Corsetti et al (2012) use a “Taylor Rule” approach to estimate normal (endogenous) fiscal policy, and then use the error in the fitted values as a measure of “true” fiscal policy that would not be automatically included in the variables of a typical VAR. They then use this to test the size of the multiplier, using a panel of countries to include ones with pegged vs floating exchange rates, with high debt levels, and in a financial crisis.

The multiplier in their baseline scenario is typical: positive but less than one with no consumption response (their Figure 1 of the relevant full-sample impulse functions). However, their exchange rate impulse function shows big swings, even though their sample includes Euro zone countries where major trade partners use the same currency. That suggests controlling for exchange rate regimes matters. In theory (Mundell-Fleming) a flexible exchange rate country will see swings therein offset fisal stimulus; if the economy is operating near capacity, then investment could be crowded out (and net trade). When they look at a normal, non-recessionary country that’s what they find.

In contrast, for countries facing a financial crisis (checked against other definitions, Figures 5-7) they get results such as in Figure 4 above.
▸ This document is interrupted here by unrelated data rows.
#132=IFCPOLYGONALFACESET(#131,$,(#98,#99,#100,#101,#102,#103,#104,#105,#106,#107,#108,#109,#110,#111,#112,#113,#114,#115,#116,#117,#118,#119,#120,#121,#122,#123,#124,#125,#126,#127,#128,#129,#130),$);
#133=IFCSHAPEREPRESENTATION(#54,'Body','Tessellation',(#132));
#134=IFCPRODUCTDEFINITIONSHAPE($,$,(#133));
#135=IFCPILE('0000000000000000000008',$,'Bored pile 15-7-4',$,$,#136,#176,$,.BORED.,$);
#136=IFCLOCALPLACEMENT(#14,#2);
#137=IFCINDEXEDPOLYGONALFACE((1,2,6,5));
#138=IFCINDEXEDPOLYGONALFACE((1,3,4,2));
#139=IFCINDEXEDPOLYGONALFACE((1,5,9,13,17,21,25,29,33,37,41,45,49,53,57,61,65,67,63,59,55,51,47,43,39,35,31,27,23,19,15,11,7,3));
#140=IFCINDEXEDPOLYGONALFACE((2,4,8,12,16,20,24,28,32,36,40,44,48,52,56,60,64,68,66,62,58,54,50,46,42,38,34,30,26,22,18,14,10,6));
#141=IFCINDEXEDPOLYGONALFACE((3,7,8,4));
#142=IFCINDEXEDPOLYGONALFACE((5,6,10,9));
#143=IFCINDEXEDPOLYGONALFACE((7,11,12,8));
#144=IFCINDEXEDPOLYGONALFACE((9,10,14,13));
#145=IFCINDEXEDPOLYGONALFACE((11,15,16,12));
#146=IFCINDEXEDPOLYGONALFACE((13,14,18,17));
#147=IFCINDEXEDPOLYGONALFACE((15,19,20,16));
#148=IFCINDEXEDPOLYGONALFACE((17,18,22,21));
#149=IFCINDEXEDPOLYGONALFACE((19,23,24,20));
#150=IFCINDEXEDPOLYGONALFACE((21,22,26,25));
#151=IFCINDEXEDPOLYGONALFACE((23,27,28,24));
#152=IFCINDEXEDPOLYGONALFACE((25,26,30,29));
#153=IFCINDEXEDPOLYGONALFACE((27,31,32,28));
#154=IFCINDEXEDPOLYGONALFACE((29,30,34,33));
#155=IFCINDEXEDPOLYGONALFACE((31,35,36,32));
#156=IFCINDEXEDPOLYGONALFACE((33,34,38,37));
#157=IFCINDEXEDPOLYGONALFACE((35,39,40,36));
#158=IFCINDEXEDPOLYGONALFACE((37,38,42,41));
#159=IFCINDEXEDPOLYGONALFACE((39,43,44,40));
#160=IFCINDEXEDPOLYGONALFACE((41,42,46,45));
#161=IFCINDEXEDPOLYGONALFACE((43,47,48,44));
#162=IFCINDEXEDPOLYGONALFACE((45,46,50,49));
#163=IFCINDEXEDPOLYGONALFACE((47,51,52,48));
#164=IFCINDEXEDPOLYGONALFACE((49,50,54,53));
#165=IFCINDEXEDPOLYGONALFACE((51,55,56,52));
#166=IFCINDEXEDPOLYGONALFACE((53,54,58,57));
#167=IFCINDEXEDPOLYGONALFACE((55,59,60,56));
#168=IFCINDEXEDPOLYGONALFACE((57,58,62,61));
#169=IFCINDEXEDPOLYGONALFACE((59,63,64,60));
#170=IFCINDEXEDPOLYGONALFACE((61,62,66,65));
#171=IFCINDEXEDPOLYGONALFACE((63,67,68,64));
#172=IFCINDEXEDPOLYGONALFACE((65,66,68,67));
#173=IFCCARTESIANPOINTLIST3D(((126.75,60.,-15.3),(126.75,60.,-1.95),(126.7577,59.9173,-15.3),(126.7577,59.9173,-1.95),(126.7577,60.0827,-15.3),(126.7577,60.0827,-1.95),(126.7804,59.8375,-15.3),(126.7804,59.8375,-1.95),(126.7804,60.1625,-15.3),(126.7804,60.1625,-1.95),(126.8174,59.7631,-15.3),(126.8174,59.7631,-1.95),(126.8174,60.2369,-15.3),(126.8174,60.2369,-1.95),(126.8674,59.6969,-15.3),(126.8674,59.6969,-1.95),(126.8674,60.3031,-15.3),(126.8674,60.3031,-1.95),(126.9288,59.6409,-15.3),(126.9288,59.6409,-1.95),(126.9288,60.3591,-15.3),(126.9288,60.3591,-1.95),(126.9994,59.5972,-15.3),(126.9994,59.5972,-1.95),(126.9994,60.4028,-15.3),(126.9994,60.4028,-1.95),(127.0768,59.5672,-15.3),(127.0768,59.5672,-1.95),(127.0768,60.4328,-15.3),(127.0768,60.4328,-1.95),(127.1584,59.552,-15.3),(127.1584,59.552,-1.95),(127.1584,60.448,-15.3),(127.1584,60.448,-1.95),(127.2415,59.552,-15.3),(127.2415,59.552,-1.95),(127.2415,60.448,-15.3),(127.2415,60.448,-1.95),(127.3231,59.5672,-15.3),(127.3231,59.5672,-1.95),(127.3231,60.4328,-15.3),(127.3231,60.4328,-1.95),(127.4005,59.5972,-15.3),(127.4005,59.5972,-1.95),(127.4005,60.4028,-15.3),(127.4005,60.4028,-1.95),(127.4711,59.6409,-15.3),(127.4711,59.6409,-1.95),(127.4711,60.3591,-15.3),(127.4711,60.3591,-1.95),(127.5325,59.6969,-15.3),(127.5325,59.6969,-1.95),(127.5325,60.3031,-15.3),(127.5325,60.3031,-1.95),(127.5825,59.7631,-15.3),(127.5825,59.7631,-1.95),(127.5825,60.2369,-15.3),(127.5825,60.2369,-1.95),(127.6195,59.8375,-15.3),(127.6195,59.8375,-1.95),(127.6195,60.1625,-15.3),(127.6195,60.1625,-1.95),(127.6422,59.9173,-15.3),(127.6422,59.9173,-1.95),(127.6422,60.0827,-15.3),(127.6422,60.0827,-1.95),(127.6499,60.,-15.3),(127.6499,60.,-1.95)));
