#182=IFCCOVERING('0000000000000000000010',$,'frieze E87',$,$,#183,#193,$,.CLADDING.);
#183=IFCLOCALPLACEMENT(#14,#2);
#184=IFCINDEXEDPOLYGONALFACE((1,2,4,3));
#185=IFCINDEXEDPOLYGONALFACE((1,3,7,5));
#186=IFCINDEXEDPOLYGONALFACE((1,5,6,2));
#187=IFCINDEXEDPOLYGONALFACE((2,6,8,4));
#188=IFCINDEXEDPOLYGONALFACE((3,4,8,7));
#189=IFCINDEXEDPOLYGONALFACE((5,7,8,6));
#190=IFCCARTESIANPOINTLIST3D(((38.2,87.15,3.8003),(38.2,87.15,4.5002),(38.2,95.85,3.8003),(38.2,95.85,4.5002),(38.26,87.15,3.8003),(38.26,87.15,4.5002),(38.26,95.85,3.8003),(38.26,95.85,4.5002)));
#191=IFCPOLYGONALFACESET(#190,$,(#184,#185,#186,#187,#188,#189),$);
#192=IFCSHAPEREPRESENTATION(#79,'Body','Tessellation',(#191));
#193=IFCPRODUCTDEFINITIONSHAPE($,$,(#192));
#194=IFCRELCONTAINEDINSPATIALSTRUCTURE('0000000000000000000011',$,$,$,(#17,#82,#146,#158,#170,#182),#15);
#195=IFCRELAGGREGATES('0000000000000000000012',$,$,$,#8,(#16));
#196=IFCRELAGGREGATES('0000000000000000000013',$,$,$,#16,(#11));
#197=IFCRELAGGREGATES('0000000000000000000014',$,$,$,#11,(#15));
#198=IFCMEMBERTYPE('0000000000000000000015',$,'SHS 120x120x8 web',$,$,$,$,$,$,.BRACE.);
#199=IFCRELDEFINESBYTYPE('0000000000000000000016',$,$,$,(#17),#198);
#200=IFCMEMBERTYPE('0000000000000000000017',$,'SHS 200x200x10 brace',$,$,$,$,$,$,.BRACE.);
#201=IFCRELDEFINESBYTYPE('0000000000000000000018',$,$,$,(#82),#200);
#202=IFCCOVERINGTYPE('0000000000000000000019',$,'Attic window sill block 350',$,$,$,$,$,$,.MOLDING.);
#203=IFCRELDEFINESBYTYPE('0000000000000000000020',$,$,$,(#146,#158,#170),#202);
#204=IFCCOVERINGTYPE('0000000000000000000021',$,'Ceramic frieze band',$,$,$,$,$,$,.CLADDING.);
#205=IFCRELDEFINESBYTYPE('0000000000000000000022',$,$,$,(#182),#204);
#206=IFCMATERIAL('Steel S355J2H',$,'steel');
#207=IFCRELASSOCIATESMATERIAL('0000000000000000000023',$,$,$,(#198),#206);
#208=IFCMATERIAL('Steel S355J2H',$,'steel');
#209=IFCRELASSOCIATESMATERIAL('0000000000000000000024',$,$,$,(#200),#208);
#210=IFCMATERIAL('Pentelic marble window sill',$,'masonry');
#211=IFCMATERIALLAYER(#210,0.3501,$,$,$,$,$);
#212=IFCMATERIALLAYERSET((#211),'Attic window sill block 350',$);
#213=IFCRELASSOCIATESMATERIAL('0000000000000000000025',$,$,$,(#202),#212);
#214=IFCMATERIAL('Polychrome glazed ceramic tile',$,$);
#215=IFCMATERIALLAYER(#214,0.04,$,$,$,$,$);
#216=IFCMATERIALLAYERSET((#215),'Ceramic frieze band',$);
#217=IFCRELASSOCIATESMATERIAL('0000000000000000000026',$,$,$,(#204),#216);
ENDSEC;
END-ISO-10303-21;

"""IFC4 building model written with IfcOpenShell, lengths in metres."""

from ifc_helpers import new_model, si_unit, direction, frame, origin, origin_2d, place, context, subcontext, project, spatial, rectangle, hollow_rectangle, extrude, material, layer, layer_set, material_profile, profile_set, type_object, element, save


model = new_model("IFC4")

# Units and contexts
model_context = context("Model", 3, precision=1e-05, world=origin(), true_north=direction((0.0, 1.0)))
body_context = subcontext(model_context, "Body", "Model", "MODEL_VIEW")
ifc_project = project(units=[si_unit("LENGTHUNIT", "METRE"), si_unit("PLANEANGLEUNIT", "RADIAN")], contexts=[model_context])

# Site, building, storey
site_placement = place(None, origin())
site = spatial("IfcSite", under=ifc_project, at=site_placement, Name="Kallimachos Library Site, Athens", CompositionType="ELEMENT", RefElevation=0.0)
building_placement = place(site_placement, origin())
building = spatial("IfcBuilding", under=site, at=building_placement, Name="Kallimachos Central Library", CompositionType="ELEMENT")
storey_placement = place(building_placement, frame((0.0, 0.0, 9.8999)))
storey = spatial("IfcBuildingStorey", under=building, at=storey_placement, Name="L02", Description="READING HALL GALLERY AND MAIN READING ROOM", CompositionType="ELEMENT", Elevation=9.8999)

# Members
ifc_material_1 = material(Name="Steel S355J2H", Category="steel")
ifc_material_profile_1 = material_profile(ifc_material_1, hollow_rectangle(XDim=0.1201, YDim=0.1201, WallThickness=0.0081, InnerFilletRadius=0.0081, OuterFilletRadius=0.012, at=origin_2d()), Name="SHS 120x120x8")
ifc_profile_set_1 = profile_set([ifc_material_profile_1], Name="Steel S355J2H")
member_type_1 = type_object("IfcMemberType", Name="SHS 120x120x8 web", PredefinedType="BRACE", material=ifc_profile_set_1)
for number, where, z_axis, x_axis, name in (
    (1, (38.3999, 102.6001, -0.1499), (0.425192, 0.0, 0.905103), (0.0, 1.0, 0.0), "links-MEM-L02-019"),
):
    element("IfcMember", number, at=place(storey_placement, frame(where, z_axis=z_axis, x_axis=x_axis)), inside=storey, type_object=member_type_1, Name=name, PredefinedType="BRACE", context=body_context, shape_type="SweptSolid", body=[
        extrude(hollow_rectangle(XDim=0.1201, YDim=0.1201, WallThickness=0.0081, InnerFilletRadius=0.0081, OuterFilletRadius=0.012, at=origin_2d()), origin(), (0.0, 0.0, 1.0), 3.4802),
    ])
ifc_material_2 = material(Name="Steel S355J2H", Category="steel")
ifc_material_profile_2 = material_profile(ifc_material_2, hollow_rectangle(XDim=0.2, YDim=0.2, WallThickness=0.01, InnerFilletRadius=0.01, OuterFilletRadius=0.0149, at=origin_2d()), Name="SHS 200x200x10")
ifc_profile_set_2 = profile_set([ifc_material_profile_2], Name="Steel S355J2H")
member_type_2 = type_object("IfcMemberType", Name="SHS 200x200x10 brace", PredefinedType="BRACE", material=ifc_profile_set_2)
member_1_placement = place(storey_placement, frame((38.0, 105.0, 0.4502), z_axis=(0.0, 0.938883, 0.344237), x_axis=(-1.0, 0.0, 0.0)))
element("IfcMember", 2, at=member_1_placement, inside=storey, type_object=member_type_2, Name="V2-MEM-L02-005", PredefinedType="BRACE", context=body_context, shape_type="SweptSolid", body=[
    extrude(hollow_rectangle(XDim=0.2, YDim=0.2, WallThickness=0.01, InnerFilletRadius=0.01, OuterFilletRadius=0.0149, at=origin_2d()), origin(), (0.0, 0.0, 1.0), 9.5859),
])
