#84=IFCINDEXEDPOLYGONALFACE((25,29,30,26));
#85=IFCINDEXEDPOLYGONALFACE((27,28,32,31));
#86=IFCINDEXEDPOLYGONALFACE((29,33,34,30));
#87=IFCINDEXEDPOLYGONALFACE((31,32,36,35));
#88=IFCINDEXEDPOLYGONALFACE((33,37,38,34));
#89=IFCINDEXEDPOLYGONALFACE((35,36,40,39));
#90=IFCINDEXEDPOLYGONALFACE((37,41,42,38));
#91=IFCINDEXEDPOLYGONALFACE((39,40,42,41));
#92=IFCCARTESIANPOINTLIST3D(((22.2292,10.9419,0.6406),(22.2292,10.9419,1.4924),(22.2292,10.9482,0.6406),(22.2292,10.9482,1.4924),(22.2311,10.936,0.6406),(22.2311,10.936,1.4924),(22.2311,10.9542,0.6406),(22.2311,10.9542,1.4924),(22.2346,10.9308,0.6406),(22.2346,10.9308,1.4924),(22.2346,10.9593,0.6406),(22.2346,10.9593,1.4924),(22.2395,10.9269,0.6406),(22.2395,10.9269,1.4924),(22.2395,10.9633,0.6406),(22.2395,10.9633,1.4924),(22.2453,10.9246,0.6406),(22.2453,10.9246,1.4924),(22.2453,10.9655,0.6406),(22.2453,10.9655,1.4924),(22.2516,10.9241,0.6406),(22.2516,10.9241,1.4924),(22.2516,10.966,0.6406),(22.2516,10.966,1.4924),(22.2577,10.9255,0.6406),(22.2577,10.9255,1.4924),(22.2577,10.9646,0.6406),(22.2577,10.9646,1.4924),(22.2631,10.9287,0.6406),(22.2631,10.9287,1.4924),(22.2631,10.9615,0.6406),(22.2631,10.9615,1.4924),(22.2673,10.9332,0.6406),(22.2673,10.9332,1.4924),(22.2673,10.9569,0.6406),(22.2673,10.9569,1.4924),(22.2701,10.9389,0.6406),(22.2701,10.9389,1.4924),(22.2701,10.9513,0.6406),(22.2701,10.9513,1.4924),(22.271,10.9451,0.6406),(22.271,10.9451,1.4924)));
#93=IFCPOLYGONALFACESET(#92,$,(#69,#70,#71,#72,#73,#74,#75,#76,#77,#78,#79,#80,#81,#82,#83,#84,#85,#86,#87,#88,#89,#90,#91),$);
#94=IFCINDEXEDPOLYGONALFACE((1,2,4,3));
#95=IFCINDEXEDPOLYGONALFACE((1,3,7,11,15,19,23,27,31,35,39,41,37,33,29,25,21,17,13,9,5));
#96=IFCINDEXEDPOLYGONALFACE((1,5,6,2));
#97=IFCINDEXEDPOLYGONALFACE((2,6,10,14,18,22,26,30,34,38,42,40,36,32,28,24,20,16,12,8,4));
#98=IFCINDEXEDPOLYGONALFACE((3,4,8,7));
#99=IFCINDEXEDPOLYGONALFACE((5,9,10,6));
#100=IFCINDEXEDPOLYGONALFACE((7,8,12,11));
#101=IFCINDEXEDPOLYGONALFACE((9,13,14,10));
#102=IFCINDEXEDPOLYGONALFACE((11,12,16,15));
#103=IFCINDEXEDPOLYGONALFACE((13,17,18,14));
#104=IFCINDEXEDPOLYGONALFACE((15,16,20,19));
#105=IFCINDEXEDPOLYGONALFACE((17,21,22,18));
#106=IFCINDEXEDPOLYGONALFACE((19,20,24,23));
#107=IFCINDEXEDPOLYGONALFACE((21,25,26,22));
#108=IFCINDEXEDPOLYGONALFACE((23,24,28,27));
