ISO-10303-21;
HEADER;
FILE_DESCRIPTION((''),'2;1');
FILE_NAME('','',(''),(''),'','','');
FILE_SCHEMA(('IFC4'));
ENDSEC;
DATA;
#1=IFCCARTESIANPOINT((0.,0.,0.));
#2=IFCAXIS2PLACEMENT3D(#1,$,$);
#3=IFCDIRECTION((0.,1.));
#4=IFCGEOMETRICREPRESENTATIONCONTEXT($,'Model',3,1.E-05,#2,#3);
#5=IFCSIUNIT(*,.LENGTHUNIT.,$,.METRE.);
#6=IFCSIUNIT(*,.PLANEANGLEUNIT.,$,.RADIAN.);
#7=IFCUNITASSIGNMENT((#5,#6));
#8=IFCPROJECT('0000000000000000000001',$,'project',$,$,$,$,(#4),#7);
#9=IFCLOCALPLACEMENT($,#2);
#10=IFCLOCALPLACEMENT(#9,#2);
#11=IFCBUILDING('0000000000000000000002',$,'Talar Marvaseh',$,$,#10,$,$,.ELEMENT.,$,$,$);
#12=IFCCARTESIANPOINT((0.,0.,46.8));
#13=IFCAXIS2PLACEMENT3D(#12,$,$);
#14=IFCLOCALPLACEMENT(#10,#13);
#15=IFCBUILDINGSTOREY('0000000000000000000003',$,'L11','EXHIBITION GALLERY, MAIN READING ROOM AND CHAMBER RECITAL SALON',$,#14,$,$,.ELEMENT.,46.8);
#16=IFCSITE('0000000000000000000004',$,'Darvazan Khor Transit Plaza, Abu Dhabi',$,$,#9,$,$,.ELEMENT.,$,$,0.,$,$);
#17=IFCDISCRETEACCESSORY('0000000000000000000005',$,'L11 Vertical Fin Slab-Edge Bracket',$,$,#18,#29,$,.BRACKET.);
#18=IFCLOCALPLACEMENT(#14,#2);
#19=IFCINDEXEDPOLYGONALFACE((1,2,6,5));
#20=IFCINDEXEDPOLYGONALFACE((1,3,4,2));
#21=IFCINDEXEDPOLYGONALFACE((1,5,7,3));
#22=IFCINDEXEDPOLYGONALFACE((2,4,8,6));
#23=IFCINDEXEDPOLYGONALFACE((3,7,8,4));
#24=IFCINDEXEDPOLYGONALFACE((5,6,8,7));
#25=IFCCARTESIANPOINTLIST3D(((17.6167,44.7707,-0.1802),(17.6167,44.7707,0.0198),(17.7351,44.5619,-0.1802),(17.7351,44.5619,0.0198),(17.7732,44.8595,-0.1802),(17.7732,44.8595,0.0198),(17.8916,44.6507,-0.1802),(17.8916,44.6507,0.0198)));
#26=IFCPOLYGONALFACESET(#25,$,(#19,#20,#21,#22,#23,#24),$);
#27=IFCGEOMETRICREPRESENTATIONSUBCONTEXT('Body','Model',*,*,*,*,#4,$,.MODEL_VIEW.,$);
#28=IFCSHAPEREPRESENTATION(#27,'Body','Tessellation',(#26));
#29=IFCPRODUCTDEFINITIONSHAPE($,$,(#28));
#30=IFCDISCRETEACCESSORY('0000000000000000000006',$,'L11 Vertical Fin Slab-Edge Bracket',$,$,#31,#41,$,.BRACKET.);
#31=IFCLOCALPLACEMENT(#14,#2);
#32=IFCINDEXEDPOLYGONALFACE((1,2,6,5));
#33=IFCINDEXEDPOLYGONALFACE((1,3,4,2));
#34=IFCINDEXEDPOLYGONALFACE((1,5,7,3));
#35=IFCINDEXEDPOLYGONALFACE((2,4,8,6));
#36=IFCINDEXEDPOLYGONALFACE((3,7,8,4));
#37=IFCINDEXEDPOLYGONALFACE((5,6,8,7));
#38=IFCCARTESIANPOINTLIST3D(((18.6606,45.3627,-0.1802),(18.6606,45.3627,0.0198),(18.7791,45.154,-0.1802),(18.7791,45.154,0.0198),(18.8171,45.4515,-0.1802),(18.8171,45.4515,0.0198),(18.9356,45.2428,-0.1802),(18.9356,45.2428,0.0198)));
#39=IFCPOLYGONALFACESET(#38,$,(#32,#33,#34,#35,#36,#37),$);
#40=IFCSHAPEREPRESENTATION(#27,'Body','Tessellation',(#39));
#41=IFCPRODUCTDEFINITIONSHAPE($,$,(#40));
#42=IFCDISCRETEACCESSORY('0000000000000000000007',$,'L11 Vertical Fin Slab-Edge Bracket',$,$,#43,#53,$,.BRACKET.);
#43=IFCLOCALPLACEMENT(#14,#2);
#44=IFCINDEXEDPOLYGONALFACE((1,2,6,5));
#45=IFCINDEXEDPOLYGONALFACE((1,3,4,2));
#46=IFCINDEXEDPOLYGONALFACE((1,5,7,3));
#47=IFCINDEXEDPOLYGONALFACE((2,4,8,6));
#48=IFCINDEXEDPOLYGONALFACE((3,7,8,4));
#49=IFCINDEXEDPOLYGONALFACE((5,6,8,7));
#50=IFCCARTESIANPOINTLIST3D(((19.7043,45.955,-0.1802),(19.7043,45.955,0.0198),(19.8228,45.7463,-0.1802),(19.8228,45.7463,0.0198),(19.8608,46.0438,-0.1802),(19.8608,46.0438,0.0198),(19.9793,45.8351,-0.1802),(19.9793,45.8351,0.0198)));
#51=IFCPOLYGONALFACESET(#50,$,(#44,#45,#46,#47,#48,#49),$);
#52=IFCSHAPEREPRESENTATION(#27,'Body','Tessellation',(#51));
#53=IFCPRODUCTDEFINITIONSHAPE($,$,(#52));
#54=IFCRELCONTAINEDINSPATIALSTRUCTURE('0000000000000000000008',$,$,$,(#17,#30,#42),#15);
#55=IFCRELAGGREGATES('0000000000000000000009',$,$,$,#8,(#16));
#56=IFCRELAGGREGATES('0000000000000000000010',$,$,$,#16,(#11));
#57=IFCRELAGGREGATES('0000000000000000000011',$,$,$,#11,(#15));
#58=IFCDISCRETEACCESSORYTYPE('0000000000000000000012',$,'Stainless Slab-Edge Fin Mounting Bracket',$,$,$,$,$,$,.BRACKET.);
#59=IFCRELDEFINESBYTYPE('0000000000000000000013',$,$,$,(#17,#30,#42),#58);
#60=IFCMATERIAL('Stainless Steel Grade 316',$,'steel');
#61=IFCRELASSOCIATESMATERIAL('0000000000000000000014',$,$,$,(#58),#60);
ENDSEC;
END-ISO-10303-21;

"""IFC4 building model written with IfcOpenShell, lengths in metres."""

from ifc_helpers import new_model, si_unit, direction, frame, origin, origin_2d, place, context, subcontext, project, spatial, rectangle, extrude, source, transform, mapped, material, type_object, type_shapes, element, save


model = new_model("IFC4")

# Units and contexts
model_context = context("Model", 3, precision=1e-05, world=origin(), true_north=direction((0.0, 1.0)))
body_context = subcontext(model_context, "Body", "Model", "MODEL_VIEW")
ifc_project = project(units=[si_unit("LENGTHUNIT", "METRE"), si_unit("PLANEANGLEUNIT", "RADIAN")], contexts=[model_context])

# Site, building, storey
site_placement = place(None, origin())
site = spatial("IfcSite", under=ifc_project, at=site_placement, Name="Darvazan Khor Transit Plaza, Abu Dhabi", CompositionType="ELEMENT", RefElevation=0.0)
building_placement = place(site_placement, origin())
building = spatial("IfcBuilding", under=site, at=building_placement, Name="Talar Marvaseh", CompositionType="ELEMENT")
storey_placement = place(building_placement, frame((0.0, 0.0, 46.8)))
storey = spatial("IfcBuildingStorey", under=building, at=storey_placement, Name="L11", Description="EXHIBITION GALLERY, MAIN READING ROOM AND CHAMBER RECITAL SALON", CompositionType="ELEMENT", Elevation=46.8)

# Discrete accessories
ifc_material_1 = material(Name="Stainless Steel Grade 316", Category="steel")
discrete_accessory_type = type_object("IfcDiscreteAccessoryType", Name="Stainless Slab-Edge Fin Mounting Bracket", PredefinedType="BRACKET", material=ifc_material_1)
shared_shape_1 = source(origin(), body_context, "Body", "SweptSolid", [
    extrude(rectangle(XDim=0.24, YDim=0.1799, at=origin_2d()), origin(), (0.0, 0.0, 1.0), 0.2),
])
type_shapes(discrete_accessory_type, [shared_shape_1])
for number, where, z_axis, x_axis, name in (
    (1, (17.7542, 44.7107, -0.1802), (0.0, 0.0, 1.0), (-0.493487, 0.869753, 0.0), "L11 Vertical Fin Slab-Edge Bracket"),
    (2, (18.7981, 45.3027, -0.1802), (0.0, 0.0, 1.0), (-0.493487, 0.869753, 0.0), "L11 Vertical Fin Slab-Edge Bracket"),
    (3, (19.8418, 45.895, -0.1802), (0.0, 0.0, 1.0), (-0.493487, 0.869753, 0.0), "L11 Vertical Fin Slab-Edge Bracket"),
):
    element("IfcDiscreteAccessory", number, at=place(storey_placement, frame(where, z_axis=z_axis, x_axis=x_axis)), inside=storey, type_object=discrete_accessory_type, Name=name, PredefinedType="BRACKET", context=body_context, shape_type="MappedRepresentation", body=[
        mapped(shared_shape_1, transform((0.0, 0.0, 0.0), x_axis=(1.0, 0.0, 0.0), y_axis=(0.0, 1.0, 0.0), z_axis=(0.0, 0.0, 1.0), scale=1.0)),
    ])

save(model, "model.ifc")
The blue & gray are their baseline scenario; the dotted red are the central trend and confidence interval for countries in crisis – the relevant case for the US today. Output, consumption, and investment all respond positively, with the confidence interval now not only positive but lying above the confidence interval of their baseline scenario. Inflation (the 3rd box lower row) looks positive, but the confidence interval includs the 0 axis, so is little different from the baseline. The one puzzle is the negative impact on net exports, contrary to what we see in the US, perhaps because their crisis sample is too small to separate countries with fixed versus flexible exchange rates. They don’t calculate the area under their curves (“the” multiplier) and only note that:

In fact, the recent policy debate in the United States has featured repeated claims that fiscal multipliers could be as large as two under current conditions. Our estimates are consistent with a multiplier of this magnitude, even though our results for “normal times” do not suggest large fiscal multipliers at all.

This paper still cannot avoid small sample sizes; the number of financial crises (thankfully) is not large, and they attach explicit caveats. Still, it is an interesting way to address the endogeneity issue, while the use of a set of countries (we will not address the attendant econometric issues!) allows attention to seldom-occuring events.

Corsetti, Giancarlo , Meier, Andre and Müller, Gernot J. (2012). “What Determines Government Spending Multipliers?” International Monetary Fund. June, WP/12/150.